Certainly, not a part of the non-mutated patient population. So now you have a drug with a very, very clean adverse event profile, a very fixed and definitive course of treatment, with quite frankly, the capacity to have a meaningful course correction on the disease itself and the opportunity for complete remissions, which you do not see in this disease, with extended progression-free survival or treatment-free remission as well. So we kind of like the way this stacks up. I really can’t see, as you described, the wheels-come-off scenario here based on the drug, the mechanism, what we’ve observed and the consistency in terms of patient population.
Jonathan Aschoff: Yes. I think splitting the dose gives you a lot of punch for the pain. I think it was a very good decision. Lastly is kind of a yes or no. Would you anticipate a confirmatory trial being much different from this current trial?
James Caruso: Yes, we currently have ongoing discussions with the FDA, and those will continue. We believe we have some considerable optionality here. And so obviously, our discussions with the FDA are confidential, and we continue to explore those. We do believe, without specifically answering your question, that we have considerable optionality here just based on the nature of the disease, the very limited treatment options and what we believe is a very favorable product profile, as I described, both from an activity perspective as well as AE profile.
Operator: Your next question comes from the line of Jeff Jones of Oppenheimer.
Jeffrey Jones: Congratulations on the update. Following up on Jonathan’s question around the confirmatory study, the agency has been making noises on occasion about having confirmatory studies agreed to or in some cases, even begun prior to accepting the NDA application or alternatively approving the product. And so I guess, where — what are you hearing at this point? And then how do you think about recruiting for a trial like that in an orphan indication when the drug is available and on the market? And how does that impact your commercial strategy?

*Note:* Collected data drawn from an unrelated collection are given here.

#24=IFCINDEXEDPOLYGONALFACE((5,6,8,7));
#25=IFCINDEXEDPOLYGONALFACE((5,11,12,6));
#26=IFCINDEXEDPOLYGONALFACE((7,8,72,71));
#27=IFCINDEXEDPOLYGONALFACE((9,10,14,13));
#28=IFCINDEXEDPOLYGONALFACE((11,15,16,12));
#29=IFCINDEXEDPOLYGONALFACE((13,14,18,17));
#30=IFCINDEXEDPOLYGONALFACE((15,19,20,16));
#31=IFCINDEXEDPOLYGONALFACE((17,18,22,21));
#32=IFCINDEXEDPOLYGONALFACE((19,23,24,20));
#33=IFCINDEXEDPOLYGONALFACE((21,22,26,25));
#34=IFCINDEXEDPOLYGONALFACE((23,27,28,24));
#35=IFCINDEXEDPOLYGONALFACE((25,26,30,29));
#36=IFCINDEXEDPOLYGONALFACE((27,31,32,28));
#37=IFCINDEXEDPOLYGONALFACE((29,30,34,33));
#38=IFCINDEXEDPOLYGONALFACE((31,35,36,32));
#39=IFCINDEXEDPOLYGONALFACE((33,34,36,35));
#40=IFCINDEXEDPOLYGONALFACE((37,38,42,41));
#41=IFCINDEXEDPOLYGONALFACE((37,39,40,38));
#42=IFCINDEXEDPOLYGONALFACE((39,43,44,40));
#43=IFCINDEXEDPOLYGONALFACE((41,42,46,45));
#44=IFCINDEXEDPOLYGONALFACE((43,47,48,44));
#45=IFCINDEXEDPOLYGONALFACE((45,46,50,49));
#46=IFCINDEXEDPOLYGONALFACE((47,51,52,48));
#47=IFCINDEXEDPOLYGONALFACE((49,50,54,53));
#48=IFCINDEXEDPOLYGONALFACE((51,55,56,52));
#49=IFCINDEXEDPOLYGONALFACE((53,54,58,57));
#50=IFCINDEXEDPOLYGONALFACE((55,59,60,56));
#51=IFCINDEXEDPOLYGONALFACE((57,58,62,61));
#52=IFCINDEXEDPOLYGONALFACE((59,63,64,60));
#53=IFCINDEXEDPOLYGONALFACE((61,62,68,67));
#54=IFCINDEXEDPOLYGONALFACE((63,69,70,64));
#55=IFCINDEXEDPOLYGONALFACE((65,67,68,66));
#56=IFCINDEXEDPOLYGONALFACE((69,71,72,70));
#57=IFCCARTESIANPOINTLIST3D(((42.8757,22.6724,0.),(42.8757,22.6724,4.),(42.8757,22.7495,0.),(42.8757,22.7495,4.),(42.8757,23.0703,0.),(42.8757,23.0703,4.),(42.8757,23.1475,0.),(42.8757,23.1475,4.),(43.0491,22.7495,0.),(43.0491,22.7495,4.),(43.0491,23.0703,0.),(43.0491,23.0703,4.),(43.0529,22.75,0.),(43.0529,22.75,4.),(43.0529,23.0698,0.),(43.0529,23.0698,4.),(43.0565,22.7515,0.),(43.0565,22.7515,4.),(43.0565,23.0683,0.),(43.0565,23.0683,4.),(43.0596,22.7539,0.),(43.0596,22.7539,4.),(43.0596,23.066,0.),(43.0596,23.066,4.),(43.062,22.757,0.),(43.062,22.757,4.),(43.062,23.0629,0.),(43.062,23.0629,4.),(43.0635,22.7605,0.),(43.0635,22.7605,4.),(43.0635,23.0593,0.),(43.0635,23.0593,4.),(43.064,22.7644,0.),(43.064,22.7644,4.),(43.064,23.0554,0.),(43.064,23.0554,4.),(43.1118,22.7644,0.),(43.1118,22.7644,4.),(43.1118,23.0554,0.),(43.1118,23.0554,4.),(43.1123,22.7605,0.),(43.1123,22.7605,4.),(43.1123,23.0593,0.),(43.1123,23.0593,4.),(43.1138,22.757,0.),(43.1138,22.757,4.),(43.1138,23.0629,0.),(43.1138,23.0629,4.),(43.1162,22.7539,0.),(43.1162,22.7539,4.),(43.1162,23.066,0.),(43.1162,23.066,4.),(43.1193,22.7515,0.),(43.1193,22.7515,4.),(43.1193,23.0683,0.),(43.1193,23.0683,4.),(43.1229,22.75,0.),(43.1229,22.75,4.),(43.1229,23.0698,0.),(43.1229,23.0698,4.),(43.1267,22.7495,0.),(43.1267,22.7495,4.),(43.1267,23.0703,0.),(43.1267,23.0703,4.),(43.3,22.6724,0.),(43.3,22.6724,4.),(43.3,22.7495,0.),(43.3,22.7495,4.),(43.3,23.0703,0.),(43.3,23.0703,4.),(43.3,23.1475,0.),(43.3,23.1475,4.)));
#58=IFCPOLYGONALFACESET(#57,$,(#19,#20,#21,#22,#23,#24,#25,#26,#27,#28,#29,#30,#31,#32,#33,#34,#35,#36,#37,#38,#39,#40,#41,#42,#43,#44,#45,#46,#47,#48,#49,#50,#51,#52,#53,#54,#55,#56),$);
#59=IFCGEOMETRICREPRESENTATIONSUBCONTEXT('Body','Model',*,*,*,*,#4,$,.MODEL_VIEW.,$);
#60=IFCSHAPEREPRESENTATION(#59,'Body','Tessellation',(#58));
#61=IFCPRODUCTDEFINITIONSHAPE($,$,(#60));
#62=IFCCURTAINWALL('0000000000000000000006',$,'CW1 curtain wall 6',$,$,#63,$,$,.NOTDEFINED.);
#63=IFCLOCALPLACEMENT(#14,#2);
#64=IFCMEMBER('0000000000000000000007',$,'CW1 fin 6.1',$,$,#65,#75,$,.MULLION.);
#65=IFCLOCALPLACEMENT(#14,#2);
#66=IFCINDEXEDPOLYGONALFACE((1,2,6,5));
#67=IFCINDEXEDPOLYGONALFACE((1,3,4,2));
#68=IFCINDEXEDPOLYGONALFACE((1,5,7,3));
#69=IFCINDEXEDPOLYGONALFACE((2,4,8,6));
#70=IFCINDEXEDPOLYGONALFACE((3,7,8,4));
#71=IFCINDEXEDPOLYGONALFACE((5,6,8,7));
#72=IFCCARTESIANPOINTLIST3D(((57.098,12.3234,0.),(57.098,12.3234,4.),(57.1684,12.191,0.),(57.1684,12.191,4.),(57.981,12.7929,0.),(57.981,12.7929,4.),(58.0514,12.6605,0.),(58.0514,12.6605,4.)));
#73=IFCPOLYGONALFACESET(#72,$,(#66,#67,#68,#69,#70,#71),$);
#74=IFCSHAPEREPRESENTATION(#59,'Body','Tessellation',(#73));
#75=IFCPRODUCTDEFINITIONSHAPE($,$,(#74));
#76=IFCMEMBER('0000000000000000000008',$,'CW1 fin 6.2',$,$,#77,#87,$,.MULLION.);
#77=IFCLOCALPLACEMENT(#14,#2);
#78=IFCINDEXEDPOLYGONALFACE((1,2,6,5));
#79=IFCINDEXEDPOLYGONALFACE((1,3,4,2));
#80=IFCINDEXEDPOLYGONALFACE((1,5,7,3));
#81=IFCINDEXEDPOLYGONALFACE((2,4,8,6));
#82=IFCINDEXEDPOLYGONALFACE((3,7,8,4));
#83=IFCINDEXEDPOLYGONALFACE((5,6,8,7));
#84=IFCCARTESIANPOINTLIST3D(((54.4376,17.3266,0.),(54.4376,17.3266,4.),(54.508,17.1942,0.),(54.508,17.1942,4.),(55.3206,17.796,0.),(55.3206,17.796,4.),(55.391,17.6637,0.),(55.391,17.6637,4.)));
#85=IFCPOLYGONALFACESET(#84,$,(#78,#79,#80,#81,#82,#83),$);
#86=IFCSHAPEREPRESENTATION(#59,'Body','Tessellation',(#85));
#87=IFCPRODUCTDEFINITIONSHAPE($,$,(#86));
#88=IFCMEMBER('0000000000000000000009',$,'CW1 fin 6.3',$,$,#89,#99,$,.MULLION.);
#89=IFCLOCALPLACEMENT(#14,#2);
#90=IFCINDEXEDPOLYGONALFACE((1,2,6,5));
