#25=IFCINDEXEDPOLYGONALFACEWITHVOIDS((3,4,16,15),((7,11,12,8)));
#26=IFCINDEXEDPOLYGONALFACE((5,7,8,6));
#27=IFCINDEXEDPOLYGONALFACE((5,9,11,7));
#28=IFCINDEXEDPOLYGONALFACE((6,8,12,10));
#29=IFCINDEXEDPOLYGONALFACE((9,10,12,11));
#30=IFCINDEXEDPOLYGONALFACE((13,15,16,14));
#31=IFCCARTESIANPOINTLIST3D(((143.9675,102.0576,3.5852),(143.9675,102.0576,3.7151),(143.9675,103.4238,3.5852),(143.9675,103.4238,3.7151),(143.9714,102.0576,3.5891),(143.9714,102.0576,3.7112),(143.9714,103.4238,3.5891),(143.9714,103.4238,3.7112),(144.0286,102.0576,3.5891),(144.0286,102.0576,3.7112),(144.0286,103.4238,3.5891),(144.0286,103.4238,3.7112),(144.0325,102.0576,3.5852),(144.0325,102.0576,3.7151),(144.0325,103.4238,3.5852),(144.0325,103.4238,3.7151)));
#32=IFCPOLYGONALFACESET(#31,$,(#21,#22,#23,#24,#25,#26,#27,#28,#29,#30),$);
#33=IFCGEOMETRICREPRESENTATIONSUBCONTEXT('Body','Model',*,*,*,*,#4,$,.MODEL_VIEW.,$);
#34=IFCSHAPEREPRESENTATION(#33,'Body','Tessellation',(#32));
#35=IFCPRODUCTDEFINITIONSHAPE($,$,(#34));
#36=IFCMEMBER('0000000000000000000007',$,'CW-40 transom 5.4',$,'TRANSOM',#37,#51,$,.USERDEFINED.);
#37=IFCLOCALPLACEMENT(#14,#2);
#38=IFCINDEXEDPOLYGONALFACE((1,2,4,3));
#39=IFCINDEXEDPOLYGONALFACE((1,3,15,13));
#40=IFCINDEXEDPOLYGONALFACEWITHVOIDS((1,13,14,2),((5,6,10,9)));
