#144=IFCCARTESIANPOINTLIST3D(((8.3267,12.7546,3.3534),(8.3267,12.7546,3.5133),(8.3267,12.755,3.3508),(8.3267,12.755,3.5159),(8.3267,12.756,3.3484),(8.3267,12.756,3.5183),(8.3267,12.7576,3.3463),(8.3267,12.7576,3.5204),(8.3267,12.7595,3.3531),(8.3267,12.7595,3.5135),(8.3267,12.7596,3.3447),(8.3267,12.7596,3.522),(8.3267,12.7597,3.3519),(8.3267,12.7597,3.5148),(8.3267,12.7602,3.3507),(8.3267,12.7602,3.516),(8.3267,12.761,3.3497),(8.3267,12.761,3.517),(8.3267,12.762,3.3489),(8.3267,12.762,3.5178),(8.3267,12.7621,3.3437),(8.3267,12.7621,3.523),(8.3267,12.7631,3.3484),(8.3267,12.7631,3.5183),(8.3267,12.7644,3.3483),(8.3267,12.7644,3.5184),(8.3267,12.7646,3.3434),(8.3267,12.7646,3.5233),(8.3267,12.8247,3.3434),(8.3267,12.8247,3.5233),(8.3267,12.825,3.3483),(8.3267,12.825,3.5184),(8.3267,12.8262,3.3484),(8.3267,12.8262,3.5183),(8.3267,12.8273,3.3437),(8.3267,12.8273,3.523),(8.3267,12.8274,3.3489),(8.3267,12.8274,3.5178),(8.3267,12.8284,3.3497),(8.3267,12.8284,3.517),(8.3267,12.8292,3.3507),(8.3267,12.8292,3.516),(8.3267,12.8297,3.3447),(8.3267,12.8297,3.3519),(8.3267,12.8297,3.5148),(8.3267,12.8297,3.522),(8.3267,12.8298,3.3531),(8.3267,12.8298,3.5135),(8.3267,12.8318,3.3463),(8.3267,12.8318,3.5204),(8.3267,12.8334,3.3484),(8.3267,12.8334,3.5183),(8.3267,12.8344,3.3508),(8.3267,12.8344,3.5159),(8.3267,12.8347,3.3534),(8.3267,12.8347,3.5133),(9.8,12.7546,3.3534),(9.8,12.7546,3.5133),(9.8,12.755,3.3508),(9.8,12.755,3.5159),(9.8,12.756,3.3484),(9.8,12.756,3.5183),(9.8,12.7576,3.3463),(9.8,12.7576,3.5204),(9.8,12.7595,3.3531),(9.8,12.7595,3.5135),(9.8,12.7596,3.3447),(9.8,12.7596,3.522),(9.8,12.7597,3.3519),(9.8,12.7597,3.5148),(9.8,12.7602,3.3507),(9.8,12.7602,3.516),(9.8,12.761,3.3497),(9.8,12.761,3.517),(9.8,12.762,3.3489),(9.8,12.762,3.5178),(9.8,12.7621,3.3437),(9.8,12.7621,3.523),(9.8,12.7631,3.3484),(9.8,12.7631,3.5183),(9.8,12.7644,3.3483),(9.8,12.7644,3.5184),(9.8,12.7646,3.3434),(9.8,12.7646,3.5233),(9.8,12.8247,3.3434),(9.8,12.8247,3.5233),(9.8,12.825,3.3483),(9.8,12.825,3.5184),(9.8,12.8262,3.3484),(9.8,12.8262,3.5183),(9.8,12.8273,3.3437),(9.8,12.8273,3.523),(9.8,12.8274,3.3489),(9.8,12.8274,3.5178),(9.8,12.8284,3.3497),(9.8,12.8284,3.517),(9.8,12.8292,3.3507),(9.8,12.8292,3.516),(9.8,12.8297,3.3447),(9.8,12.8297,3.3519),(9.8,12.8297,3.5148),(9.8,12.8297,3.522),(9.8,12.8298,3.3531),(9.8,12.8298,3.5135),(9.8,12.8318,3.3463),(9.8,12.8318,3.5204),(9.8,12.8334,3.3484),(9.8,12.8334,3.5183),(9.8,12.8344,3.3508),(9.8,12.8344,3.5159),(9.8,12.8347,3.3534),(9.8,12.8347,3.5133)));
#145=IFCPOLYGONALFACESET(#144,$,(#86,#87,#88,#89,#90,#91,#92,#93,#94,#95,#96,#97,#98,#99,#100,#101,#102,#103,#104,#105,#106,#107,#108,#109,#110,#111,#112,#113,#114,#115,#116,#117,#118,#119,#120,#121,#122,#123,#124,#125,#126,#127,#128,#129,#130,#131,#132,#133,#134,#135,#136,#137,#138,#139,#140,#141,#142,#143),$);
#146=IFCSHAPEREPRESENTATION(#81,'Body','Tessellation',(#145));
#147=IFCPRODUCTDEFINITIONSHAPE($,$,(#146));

James Caruso: No, that makes sense, and hence, your upfront description of how the FDA currently behaves. That’s why, Jeff, we’re currently in dialogue and in discussions with them to ensure that we’re aligned in terms of how to move forward in the best fashion, not only for the approval of Iopofosine, but what additional information we can glean to potentially help WM patients and those patients suffering from WM. And so, Jeff, on the — impacting the commercial side of this, I’ll turn it over to you to see any, Shane, impact relative to the commercialization of the drug with this.
Shane Lea: Yes. No, I think, obviously, the key is, to your point, understanding how things play out with the ongoing discussions with the FDA and obviously, I don’t see any impact there from a commercial standpoint as we think about the opportunity.
James Caruso: Is that helpful, Jeff?
Jeffrey Jones: Yes, it was great. I appreciate it. And I guess on the financing, I believe the next tranche can come in on positive data? And can you remind us what — how positive data is defined in the financing?
James Caruso: The positive data was defined — and I’m not sure if this is in the public domain, but I would direct you to the pivotal trial. And the — in our corporate presentation, we have an overview and a slide on the pivotal trial. And there, we describe the statistical expectation that we agreed to with the FDA. And I think that would be directionally a good place to start in terms of what’s considered successful. I will tell you that our review of community-based performance at the literature relative to academic performance in these relapsed/refractory patient populations, it’s pretty clear that anything 30% or north would be a win for WM patients, both in the community and academic centers in these relapsed/refractory patient populations.
So I gave you 2 potential benchmarks there. One, FDA statistical alignment with our pivotal study and then just based on a variety of feedback from advisory boards, key thought leadership, both from the academic centers as well as in the community, and then community-based data that we’ve had access to and beginning to peel the onion back there relative to actual patient performance with WM as they’re treated in the community.